1. Introduction: Age and Source Factors in Second Language Acquisition

China is a country that is rapidly adopting English language instruction into its school and universities. However the ever-increasing numbers of Chinese people being exposed to English as a foreign language are attaining varying degrees of success. Although many achieve a high command of written vocabulary and grammar, most are unable to achieve native-like fluency in speaking and listening. The accents of Chinese Mandarin speakers trying to speak English can be traced to two factors. Those individuals who do achieve native-like fluency all tend to share an early age of exposure; and an extended exposure to the speech of native speakers of English.

Research has shown that the earlier an individual begins learning a second language, the better their pronunciation becomes [1]-[3]. As the age of acquisition increases, the child’s eventual chance of native-like fluency linearly decreases such that it becomes virtually impossible for adults to acquire native-like pronunciation in a foreign language [4]-[9]. That is because, although every child is born with the ability to learn and produce the sounds of any human language [10], unless he or she is engaged with stimuli from other languages, the first language (L1) develops and matures, but the potential for acquiring sound systems for other languages (L2 and beyond) withers with increasing age. As a child ages, this loss becomes more significant, ultimately leading to a pattern in adults where L1 interferes with the learning of L2 [11], challenging perception and production [12].

Age of acquisition aside, it is further the case that language learning abilities are compromised by a lack of early exposure to L2 native speakers. Munro and Mann [3], for example, linked the achievement of superior English accents to the age at which a Mandarin Chinese speaker had immigrated to the US and become immersed in the speech of native speakers of English. Thus age is one part of the equation, but the source of language engagement is another. One problem facing the Chinese educational system is that, although younger and younger children are exposed to English language learning, the teachers who are providing the instruction, while well-trained in the English language, are not native speakers of English. Non-native English speakers make up a large portion of English teachers abroad in non-native English speaking countries, and China is no exception.

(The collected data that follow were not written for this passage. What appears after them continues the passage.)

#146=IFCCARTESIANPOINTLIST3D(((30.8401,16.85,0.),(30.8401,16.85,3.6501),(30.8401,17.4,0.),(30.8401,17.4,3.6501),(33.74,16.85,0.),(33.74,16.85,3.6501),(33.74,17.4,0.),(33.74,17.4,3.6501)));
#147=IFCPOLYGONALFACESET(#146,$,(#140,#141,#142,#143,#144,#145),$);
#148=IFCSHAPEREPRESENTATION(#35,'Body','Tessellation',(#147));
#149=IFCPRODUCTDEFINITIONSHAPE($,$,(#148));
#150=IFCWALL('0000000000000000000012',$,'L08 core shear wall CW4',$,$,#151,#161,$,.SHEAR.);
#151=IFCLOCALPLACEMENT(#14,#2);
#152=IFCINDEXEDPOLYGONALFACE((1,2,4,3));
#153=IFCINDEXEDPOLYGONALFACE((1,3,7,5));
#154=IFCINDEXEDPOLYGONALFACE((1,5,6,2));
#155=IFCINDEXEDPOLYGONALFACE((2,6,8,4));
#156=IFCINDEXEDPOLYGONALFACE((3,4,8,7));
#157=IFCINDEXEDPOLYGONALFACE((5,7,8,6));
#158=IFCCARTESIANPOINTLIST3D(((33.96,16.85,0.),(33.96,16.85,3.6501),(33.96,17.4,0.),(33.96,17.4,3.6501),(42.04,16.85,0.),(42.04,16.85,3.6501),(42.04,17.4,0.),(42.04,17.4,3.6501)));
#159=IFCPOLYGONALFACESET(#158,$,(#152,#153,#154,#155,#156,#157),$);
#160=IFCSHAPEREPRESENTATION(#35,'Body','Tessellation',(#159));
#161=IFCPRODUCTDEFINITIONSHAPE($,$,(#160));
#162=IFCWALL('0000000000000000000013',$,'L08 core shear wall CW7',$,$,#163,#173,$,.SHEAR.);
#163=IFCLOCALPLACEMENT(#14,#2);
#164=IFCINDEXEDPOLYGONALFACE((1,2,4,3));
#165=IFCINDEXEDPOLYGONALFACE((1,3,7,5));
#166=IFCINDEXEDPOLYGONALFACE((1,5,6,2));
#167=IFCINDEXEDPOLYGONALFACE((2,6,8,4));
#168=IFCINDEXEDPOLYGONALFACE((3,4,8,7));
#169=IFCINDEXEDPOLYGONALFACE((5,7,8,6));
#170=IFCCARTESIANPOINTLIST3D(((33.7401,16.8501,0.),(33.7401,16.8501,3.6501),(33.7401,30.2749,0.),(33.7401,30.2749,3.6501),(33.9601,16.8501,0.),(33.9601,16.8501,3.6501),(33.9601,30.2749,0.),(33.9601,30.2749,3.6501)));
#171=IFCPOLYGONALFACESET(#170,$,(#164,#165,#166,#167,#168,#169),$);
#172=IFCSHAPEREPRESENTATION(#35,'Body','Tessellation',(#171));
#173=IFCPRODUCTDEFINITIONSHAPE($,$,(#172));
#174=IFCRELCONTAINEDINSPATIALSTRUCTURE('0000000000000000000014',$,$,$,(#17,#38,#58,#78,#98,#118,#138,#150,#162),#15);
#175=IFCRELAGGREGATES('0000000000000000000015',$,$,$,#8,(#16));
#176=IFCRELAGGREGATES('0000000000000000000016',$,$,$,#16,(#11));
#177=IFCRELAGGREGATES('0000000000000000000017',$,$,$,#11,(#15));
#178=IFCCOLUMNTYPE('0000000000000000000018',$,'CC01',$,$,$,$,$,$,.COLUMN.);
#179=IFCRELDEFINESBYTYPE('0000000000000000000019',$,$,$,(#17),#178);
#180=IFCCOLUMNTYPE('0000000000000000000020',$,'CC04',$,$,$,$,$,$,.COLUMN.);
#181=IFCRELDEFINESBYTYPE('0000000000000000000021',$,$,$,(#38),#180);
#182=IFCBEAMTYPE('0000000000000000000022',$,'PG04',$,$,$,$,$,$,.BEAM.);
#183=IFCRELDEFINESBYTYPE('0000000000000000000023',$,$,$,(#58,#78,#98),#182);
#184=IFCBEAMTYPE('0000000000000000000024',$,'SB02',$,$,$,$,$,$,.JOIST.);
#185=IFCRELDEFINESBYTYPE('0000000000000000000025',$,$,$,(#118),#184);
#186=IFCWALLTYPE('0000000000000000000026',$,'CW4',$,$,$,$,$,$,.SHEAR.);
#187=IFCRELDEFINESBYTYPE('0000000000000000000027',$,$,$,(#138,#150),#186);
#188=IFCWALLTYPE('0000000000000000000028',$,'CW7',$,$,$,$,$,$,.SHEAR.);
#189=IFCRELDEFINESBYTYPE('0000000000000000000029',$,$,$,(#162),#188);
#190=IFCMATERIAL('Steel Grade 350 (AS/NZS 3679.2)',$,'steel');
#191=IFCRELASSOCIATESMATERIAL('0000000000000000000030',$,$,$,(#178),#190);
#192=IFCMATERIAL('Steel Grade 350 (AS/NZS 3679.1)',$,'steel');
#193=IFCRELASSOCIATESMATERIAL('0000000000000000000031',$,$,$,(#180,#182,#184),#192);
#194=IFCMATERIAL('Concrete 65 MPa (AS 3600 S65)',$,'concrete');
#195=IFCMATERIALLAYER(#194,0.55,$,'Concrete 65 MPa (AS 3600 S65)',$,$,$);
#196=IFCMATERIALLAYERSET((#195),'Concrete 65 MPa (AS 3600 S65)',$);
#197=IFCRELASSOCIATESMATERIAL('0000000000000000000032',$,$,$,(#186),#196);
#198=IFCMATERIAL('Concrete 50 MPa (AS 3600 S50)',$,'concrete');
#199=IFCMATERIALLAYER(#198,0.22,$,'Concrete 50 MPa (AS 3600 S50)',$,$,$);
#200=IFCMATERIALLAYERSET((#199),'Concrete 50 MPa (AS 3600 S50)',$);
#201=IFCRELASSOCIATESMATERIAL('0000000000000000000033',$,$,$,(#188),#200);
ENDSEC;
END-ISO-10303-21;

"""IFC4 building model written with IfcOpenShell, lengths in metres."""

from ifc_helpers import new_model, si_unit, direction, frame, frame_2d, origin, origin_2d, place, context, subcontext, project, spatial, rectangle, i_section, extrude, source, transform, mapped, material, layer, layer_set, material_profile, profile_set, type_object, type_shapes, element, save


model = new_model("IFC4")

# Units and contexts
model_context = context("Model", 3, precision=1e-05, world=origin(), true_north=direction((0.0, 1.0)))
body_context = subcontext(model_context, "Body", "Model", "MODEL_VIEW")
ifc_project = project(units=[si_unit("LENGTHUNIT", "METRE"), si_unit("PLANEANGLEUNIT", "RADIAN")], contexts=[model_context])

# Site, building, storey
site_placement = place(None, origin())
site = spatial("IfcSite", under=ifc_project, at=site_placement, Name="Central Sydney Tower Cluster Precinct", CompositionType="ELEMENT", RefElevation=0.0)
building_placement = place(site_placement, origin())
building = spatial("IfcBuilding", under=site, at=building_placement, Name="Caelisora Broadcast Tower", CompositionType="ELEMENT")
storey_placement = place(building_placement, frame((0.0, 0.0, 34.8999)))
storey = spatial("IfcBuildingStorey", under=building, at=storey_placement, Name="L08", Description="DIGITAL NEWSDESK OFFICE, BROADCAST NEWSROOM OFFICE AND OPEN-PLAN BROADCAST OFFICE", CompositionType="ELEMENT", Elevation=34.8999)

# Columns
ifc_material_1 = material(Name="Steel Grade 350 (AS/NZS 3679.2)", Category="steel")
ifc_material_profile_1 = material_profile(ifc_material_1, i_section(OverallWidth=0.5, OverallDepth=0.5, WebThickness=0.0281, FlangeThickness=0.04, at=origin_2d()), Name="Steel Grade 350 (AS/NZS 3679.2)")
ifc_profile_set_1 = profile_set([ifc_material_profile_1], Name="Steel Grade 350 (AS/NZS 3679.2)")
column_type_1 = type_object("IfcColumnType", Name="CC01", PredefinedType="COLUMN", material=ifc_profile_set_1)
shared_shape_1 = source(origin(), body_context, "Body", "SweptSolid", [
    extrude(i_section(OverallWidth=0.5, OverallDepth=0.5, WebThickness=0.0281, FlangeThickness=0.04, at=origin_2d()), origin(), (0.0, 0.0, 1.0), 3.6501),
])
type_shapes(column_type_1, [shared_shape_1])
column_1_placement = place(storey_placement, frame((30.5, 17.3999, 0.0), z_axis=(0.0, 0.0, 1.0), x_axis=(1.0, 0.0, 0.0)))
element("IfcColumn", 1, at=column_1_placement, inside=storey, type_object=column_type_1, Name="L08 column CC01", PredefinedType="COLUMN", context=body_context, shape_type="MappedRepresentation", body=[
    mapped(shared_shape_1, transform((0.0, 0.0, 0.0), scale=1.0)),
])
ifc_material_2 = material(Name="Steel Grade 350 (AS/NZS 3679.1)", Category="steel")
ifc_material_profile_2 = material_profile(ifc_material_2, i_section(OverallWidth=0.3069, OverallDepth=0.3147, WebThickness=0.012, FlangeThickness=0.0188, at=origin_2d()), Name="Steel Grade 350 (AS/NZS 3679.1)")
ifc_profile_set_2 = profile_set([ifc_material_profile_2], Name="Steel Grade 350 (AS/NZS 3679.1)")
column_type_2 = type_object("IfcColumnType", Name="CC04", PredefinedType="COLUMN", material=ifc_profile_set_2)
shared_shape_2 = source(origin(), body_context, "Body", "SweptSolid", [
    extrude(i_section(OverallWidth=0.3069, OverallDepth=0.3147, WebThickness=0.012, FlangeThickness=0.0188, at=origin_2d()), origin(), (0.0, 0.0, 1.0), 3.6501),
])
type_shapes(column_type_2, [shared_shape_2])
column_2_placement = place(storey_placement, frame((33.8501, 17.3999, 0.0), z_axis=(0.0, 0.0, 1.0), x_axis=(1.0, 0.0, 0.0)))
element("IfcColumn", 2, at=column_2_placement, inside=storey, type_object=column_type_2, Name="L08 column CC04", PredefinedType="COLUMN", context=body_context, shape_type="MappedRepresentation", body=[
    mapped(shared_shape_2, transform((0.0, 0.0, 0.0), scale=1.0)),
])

2. Some Particular Difficulties of Chinese EFL

Chinese people who are learning English as a foreign language offer an excellent example of how native language, L1 significantly influence the pronunciation of a foreign language, L2. Their native Chinese language, which is Mandarin in the population we consider, causes multiple problems with their being able to speak English correctly and without a foreign accent. That is because the English and Mandarin Chinese sound systems are very different from each other. Their differences in stress, intonation, rhythm and syllable structure, not to mention sentence structure, can make attaining native-like fluency in English a difficult challenge for the Chinese Mandarin speaker [3] [12] [13].

Two aspects of the sound systems are noteworthy. One is the use of different consonants and vowels. Mandarin Chinese does not have any voiced stops, affricates or fricatives, which leads to consonant substitutions such as pronouncing “pill” instead of “bill” or “ket” instead of “get”. The English vowels also contrast with Mandarin; English has more vowels, and Mandarin Chinese speakers must learn new vowel distinctions if they are to master English. Because Mandarin Chinese has no lax vowels, it is particularyly difficult for Chinese people to hear and produce contrasts like “bit” vs. “beet” or “cot” vs. “cat”.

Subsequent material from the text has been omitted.